From: Markus Kuhn (Markus.Kuhn@cl.cam.ac.uk)
Date: Thu Jul 22 1999 - 15:02:13 EDT


"Addison Phillips" wrote on 1999-07-22 16:29 UTC:
> o The characters are all 16-bits in the BMP, in terms of processing (yes,
> yes, combining marks take more than one character to encode... but for
> processing purposes everything is the same width. Yes, there are higher
> planes of existence and these cannot be ignored...).
> o There is less text expansion for non-Latin languages.
> o There are programmatic ways of handling Unicode text via TCHAR that
> reduces the impact on code. If you don't unthread UTF-8 to UTF-16, text
> processing becomes somewhat uglier.
> o For languages other than Western European, the text expansion is much
> smaller than for UTF-8, so storage is conserved.

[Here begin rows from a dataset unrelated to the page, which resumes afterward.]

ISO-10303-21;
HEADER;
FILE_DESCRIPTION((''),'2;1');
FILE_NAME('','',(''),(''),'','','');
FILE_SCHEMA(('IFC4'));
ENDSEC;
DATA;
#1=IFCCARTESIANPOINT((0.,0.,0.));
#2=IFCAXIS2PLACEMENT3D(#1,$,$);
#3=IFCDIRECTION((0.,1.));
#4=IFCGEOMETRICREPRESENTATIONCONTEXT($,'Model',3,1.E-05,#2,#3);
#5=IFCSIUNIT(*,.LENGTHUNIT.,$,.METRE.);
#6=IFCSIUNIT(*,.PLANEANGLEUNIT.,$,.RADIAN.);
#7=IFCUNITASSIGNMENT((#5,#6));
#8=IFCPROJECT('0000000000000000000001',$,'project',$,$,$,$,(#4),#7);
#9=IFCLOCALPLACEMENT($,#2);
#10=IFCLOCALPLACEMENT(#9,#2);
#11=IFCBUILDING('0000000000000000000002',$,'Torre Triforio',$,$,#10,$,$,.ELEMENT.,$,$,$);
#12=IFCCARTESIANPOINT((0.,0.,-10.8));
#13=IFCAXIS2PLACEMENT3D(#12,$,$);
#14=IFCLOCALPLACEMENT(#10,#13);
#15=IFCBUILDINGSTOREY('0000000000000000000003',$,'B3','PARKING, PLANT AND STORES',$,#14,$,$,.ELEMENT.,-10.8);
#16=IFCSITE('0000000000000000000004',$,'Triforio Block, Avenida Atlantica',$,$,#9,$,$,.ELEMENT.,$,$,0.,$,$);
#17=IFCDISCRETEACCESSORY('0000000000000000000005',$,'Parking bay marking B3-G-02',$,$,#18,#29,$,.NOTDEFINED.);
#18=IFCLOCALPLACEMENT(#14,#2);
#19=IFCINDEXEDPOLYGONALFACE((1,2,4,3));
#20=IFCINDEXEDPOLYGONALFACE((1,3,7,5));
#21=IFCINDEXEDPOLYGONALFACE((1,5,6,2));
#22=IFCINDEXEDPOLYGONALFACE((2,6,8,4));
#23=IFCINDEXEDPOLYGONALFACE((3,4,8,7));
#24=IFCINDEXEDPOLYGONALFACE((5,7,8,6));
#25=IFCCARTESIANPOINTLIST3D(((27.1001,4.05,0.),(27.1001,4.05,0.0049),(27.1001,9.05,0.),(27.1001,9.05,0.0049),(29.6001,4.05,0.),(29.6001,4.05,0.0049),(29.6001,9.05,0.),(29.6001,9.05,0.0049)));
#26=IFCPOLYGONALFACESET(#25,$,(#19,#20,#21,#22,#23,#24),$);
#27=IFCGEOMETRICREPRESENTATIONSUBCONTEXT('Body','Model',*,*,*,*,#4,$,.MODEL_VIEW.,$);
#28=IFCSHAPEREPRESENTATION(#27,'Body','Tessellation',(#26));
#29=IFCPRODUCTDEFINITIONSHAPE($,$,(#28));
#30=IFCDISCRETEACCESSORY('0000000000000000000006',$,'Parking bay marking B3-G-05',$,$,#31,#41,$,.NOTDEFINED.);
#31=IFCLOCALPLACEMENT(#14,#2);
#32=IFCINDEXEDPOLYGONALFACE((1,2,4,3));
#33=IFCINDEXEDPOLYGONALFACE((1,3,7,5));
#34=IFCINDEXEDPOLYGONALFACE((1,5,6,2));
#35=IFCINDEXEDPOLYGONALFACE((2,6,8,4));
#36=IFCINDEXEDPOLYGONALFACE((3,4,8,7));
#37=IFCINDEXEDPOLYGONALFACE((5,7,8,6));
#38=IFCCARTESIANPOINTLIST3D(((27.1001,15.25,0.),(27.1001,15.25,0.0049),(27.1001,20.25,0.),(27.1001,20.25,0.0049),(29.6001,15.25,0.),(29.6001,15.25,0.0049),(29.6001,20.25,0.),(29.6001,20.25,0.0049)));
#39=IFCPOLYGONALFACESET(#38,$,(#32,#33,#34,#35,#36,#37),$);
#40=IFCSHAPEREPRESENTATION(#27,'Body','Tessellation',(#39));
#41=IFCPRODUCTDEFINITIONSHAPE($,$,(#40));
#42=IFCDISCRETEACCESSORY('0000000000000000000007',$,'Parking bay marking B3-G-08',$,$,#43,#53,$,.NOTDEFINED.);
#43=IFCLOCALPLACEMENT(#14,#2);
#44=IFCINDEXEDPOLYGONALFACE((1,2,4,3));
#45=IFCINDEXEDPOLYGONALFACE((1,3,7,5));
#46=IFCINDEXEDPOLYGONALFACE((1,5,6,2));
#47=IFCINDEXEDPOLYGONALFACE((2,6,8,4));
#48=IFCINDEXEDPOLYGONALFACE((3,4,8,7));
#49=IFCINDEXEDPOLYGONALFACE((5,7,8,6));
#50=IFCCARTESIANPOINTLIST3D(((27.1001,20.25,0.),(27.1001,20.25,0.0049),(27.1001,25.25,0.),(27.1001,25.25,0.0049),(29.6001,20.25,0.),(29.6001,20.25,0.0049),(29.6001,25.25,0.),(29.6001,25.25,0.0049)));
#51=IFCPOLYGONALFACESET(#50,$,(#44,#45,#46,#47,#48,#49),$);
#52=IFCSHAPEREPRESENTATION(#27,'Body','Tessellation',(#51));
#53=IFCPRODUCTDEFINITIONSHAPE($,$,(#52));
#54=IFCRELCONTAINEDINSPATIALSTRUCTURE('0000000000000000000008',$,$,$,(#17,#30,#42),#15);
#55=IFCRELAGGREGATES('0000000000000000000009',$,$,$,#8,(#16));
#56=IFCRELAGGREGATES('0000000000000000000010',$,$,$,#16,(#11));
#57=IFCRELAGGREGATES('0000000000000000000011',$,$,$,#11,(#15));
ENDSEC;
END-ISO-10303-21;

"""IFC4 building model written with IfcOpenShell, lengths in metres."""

from ifc_helpers import new_model, si_unit, direction, frame, origin, origin_2d, place, context, subcontext, project, spatial, rectangle, extrude, element, save


model = new_model("IFC4")

# Units and contexts
model_context = context("Model", 3, precision=1e-05, world=origin(), true_north=direction((0.0, 1.0)))
body_context = subcontext(model_context, "Body", "Model", "MODEL_VIEW")
ifc_project = project(units=[si_unit("LENGTHUNIT", "METRE"), si_unit("PLANEANGLEUNIT", "RADIAN")], contexts=[model_context])

# Site, building, storey
site_placement = place(None, origin())
site = spatial("IfcSite", under=ifc_project, at=site_placement, Name="Triforio Block, Avenida Atlantica", CompositionType="ELEMENT", RefElevation=0.0)
building_placement = place(site_placement, origin())
building = spatial("IfcBuilding", under=site, at=building_placement, Name="Torre Triforio", CompositionType="ELEMENT")
storey_placement = place(building_placement, frame((0.0, 0.0, -10.8)))
storey = spatial("IfcBuildingStorey", under=building, at=storey_placement, Name="B3", Description="PARKING, PLANT AND STORES", CompositionType="ELEMENT", Elevation=-10.8)

# Discrete accessories
for number, where, z_axis, x_axis, name in (
    (1, (28.3501, 6.55, 0.0), (0.0, 0.0, 1.0), (1.0, 0.0, 0.0), "Parking bay marking B3-G-02"),
    (2, (28.3501, 17.75, 0.0), (0.0, 0.0, 1.0), (1.0, 0.0, 0.0), "Parking bay marking B3-G-05"),
    (3, (28.3501, 22.75, 0.0), (0.0, 0.0, 1.0), (1.0, 0.0, 0.0), "Parking bay marking B3-G-08"),
):
    element("IfcDiscreteAccessory", number, at=place(storey_placement, frame(where, z_axis=z_axis, x_axis=x_axis)), inside=storey, Name=name, PredefinedType="NOTDEFINED", context=body_context, shape_type="SweptSolid", body=[
        extrude(rectangle(XDim=2.5, YDim=5.0, at=origin_2d()), origin(), (0.0, 0.0, 1.0), 0.0049),
    ])

save(model, "model.ifc")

The only two sort of valid (and closely related) points are

> o There is less text expansion for non-Latin languages.
> o For languages other than Western European, the text expansion is much
> smaller than for UTF-8, so storage is conserved.

I wonder whether

> o There are programmatic ways of handling Unicode text via TCHAR that
> reduces the impact on code. If you don't unthread UTF-8 to UTF-16, text
> processing becomes somewhat uglier.

is really based on in-depth practical programming experience with UTF-8
or whether this is just an assumption. I have found that processing
UTF-8 text is extremely close to processing ASCII text. The only
different is that I have to skip the 0x80..0xbf bytes at some places
(e.g., deleting or counting a number of characters), and that is not
very problematic. In fact, it is usually exactly as complex as with
UTF-16. I have not yet seen code that is in any way nicer or more
elegant on UTF-16 then on UTF-8. For table-lookup operations, both UTF-8
and UTF-16 have to be converted into a 31-bit integer value via a
function such as mbtowc() anyway. And the simplicity advantage that
UCS-2 has over UTF-8 (ignoring not only Klingon but also the advanced
mathematical publishing characters in ISO 10646-2) vanishes very quickly
with combining characters, which are not only essential for languages
such as Thai but also for mathematical publishing.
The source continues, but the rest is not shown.